(NEW YORK) Katten announced today that the firm successfully represented nonprofit Invisible Hands in an asset transfer to social service organization Commonpoint Queens, deepening the firm’s commitment to pro bono service and helping continue Invisible Hands' mission of free delivery of groceries, prescription medicine and other essentials to those in need.
Katten became engaged in the transactional pro bono matter after Katten CEO Noah Heller heard about Invisible Hands through his work as a member of the board of directors for Riley's Way Foundation, which has a mission of empowering the next generation of change leaders with the tools needed to make a positive impact in the world.
"I became impressed not only with the work of Invisible Hands but also its co-founder, Liam Elkind, who is beginning his studies as a Rhodes Scholar in Oxford this fall," Heller said.
Because of his upcoming move, Elkind sought assistance in transitioning the assets of the nonprofit, which he co-founded during the pandemic as a Yale University undergrad, over to another organization so operations could continue while he was at the University of Oxford.
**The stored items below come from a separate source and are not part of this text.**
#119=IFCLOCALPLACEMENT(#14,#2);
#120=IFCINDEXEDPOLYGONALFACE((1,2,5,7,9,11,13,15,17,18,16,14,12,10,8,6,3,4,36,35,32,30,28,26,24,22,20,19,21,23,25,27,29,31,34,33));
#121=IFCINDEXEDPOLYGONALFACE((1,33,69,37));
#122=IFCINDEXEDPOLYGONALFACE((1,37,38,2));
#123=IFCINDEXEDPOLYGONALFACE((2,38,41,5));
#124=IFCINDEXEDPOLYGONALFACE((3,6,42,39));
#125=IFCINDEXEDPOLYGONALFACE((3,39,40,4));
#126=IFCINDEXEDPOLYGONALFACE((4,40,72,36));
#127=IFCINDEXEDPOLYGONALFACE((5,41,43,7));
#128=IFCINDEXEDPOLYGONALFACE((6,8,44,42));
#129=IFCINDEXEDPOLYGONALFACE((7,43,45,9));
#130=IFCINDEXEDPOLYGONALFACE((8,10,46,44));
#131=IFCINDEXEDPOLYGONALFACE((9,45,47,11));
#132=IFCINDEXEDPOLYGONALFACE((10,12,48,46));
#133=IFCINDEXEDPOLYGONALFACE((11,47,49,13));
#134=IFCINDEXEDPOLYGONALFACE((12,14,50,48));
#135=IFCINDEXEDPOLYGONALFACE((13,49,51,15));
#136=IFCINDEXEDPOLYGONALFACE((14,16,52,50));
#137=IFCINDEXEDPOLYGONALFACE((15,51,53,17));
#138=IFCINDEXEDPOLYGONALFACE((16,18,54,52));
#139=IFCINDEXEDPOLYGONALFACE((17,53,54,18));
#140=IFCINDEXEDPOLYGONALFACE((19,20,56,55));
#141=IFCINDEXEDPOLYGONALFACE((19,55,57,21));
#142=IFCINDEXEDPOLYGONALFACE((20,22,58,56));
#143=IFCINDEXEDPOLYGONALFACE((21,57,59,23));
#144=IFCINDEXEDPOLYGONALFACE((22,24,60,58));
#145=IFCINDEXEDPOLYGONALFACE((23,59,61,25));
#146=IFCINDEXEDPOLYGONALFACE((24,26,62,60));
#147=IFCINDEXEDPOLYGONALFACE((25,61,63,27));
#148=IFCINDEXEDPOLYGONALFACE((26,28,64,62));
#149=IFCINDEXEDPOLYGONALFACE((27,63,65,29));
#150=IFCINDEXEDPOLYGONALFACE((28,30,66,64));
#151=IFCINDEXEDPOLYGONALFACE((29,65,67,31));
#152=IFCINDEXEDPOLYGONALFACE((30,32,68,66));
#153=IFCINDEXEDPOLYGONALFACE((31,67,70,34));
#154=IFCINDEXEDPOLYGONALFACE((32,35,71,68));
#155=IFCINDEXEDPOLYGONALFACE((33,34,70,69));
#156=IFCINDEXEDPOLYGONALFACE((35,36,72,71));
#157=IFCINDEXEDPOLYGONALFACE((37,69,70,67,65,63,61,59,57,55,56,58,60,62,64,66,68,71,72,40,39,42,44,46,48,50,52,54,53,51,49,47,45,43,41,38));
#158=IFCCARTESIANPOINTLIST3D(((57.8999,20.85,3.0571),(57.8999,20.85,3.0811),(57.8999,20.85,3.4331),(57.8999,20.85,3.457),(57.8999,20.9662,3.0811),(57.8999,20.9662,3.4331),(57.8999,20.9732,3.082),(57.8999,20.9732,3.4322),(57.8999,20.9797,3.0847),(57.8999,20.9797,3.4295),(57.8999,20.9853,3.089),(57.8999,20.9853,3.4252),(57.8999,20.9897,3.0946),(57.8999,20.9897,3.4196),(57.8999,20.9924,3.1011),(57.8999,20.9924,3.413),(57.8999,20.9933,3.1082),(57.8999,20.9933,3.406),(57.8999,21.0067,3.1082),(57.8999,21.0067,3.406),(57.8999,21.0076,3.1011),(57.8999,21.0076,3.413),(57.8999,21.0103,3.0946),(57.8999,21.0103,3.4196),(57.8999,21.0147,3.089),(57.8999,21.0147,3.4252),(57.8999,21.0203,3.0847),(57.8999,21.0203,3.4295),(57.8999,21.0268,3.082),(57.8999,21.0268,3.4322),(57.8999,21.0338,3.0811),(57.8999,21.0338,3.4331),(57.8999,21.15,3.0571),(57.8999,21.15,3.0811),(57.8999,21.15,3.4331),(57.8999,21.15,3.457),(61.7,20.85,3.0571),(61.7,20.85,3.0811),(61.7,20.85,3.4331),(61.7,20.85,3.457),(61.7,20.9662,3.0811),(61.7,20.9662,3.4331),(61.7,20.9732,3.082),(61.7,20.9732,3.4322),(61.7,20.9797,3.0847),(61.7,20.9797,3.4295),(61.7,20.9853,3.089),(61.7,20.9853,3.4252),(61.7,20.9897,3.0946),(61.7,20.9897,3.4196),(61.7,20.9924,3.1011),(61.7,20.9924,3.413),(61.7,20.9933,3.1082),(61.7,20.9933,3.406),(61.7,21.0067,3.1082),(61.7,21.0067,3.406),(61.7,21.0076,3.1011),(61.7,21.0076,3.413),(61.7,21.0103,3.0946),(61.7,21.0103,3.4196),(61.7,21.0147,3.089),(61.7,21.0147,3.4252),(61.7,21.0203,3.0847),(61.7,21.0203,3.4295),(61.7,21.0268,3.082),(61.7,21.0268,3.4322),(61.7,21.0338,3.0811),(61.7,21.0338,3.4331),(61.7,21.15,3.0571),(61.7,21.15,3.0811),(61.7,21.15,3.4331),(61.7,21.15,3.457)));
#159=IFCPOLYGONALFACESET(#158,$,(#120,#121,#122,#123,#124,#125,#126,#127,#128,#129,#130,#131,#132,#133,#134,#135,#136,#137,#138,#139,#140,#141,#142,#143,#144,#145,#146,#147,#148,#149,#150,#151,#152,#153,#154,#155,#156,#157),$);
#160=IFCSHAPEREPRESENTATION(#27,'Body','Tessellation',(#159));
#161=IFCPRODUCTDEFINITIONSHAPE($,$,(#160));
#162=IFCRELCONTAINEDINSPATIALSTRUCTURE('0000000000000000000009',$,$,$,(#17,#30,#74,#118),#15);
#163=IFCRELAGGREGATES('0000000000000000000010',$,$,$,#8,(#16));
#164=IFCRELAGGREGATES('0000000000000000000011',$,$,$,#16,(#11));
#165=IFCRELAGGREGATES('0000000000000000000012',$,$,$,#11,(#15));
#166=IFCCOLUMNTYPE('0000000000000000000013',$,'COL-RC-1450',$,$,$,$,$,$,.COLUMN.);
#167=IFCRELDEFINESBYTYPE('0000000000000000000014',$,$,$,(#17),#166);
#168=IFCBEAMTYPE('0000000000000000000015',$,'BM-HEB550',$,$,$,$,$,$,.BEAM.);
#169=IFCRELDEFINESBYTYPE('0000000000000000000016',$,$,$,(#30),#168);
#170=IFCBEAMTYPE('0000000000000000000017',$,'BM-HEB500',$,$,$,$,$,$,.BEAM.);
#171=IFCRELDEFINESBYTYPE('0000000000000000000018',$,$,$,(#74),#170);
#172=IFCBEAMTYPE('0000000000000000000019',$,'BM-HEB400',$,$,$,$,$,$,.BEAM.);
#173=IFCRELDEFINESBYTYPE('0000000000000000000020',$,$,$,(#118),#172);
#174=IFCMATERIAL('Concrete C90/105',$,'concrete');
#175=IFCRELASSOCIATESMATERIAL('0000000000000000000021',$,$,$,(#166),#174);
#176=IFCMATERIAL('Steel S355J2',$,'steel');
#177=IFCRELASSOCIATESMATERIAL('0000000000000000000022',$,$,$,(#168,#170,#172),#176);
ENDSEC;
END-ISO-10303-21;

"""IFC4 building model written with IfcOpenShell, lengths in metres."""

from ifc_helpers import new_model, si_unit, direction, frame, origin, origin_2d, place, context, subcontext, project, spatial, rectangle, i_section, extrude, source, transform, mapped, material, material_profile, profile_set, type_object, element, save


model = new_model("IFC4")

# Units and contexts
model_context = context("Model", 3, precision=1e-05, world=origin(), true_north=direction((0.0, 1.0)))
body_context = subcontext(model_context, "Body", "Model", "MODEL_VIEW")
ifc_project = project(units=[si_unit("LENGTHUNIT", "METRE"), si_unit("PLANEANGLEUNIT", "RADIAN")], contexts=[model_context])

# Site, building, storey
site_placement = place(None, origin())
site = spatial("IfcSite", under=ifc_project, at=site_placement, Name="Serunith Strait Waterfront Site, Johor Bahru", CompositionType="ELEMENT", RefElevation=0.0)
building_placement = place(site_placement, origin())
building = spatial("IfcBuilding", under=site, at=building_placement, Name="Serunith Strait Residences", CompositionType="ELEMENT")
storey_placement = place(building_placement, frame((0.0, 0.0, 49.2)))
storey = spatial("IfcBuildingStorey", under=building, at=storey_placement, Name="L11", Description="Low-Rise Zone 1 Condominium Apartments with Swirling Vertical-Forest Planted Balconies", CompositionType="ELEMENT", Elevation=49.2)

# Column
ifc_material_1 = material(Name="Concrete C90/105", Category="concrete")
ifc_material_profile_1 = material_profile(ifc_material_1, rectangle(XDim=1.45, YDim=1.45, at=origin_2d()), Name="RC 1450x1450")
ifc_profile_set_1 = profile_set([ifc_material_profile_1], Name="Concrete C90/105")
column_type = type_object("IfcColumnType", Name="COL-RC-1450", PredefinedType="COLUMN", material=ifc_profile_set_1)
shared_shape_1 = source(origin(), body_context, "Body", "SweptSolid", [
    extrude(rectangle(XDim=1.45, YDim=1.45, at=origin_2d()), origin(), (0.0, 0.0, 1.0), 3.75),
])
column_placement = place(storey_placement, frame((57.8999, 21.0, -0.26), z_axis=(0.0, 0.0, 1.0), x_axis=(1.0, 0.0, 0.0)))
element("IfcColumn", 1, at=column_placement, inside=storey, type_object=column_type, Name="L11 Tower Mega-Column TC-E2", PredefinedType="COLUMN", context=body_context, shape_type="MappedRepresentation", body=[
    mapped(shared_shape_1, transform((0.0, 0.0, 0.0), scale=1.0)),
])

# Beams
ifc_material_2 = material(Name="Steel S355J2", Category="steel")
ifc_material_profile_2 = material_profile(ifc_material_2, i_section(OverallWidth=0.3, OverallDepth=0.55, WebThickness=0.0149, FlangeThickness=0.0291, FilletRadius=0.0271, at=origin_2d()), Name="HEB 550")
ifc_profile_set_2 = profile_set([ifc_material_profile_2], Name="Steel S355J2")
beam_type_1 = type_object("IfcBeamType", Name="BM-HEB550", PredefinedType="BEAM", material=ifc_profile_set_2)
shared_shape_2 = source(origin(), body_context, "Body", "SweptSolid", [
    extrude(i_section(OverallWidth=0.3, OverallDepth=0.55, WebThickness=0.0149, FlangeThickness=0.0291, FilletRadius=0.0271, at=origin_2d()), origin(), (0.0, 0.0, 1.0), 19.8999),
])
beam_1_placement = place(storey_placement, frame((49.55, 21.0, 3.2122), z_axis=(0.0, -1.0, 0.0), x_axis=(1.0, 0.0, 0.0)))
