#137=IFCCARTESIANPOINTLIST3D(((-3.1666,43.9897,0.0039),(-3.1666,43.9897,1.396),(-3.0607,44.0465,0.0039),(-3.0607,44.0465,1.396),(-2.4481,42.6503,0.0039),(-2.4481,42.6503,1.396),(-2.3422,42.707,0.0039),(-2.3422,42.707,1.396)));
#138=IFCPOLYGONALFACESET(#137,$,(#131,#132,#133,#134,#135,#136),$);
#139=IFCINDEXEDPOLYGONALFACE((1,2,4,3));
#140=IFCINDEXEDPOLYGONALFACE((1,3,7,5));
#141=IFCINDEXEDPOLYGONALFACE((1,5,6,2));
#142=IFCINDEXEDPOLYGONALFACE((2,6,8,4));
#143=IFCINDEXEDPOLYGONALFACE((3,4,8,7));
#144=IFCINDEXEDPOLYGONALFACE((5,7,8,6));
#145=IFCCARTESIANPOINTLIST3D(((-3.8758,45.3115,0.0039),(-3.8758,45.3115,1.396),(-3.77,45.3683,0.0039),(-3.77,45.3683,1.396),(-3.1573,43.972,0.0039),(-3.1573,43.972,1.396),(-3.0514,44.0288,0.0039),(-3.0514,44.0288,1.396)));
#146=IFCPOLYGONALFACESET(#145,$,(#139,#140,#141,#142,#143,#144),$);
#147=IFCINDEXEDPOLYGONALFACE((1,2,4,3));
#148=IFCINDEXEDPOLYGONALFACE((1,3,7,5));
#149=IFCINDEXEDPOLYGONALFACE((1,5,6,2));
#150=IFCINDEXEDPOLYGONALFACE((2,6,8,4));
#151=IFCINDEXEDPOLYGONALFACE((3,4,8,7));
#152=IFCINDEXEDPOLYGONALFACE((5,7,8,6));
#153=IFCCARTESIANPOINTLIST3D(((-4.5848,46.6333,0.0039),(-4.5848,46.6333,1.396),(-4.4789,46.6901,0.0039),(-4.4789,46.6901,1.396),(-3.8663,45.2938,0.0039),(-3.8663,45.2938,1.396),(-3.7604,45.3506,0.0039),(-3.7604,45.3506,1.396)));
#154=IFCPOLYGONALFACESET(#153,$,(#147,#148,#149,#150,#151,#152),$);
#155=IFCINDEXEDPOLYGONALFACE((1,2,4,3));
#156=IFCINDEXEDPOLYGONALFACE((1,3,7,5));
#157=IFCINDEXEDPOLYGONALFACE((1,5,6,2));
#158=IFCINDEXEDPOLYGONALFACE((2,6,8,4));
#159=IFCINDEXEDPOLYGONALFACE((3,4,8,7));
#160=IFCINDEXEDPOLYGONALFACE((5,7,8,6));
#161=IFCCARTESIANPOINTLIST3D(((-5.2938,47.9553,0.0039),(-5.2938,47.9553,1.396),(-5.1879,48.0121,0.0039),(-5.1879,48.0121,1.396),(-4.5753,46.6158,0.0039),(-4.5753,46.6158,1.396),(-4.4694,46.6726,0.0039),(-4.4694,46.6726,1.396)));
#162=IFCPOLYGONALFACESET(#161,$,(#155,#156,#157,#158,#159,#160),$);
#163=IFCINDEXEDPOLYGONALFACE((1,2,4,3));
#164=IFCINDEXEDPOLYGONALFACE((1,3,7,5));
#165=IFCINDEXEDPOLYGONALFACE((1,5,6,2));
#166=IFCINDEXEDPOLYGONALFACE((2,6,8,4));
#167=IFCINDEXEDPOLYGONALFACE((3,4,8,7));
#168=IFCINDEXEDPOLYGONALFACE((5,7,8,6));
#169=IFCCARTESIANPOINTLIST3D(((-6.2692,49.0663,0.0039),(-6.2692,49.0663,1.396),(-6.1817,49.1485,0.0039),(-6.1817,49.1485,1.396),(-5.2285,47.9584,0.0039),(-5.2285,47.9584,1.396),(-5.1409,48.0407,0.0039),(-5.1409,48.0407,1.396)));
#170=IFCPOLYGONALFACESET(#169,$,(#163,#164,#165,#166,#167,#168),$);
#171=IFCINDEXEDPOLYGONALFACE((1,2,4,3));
Under the supervision of pro bono counsel Janet Goelz Hoffman, Insolvency and Restructuring partner Peter Knight and Corporate associate Daniel Imahiyerobo spearheaded the deal in an expedited timeframe to get Invisible Hands affiliated with Commonpoint Queens, a social services organization in New York.
"I love this kind of pro bono assignment. It's a fabulous experience for our young people and fun for partners to supervise. We use our sophisticated skills to make something positive happen for impactful organizations and a bright young attorney is mentored — it doesn't get any better than this," Hoffman said.
The attorneys worked on handling the transfer of assets, including the volunteer, recipient and donor lists, patent over the organization's app, employees, licenses and partnerships with vendors, advertising agreements, social media accounts and website domain names.
"Invisible Hands is a volunteer-led, volunteer-powered movement. We know the power of volunteering, and we are so grateful to Noah, Janet, Peter, Daniel and the whole Katten team for their incredible pro bono support," Elkind said. "The exemplary team always worked quickly and diligently to ensure the process was smooth and effective. The nonprofit sector deserves and needs the kind of legal representation that Katten provided."
A transaction like this can be just as complex as when one hospital joins another hospital group, and can take anywhere from four months to over a year depending on negotiations — much longer than the two months in which Katten actually completed this deal in late August.
"We provide our pro bono clients with the same level of service that we deliver to billable clients. Getting to make our small contribution to the work that they do for the community is one of the most rewarding parts of the job," Imahiyerobo said. "Handling this type of pro bono transaction also allowed me to take a step up in responsibility and gain valuable experience."
The additional Katten attorneys who were involved in the pro bono matter include Insurance and Risk Management partner Philip Nemecek, Intellectual Property associates Catherine O'Brien and Cynthia Martens, Corporate associate Jill Settlemyer and Litigation associate Andrew Schuyler.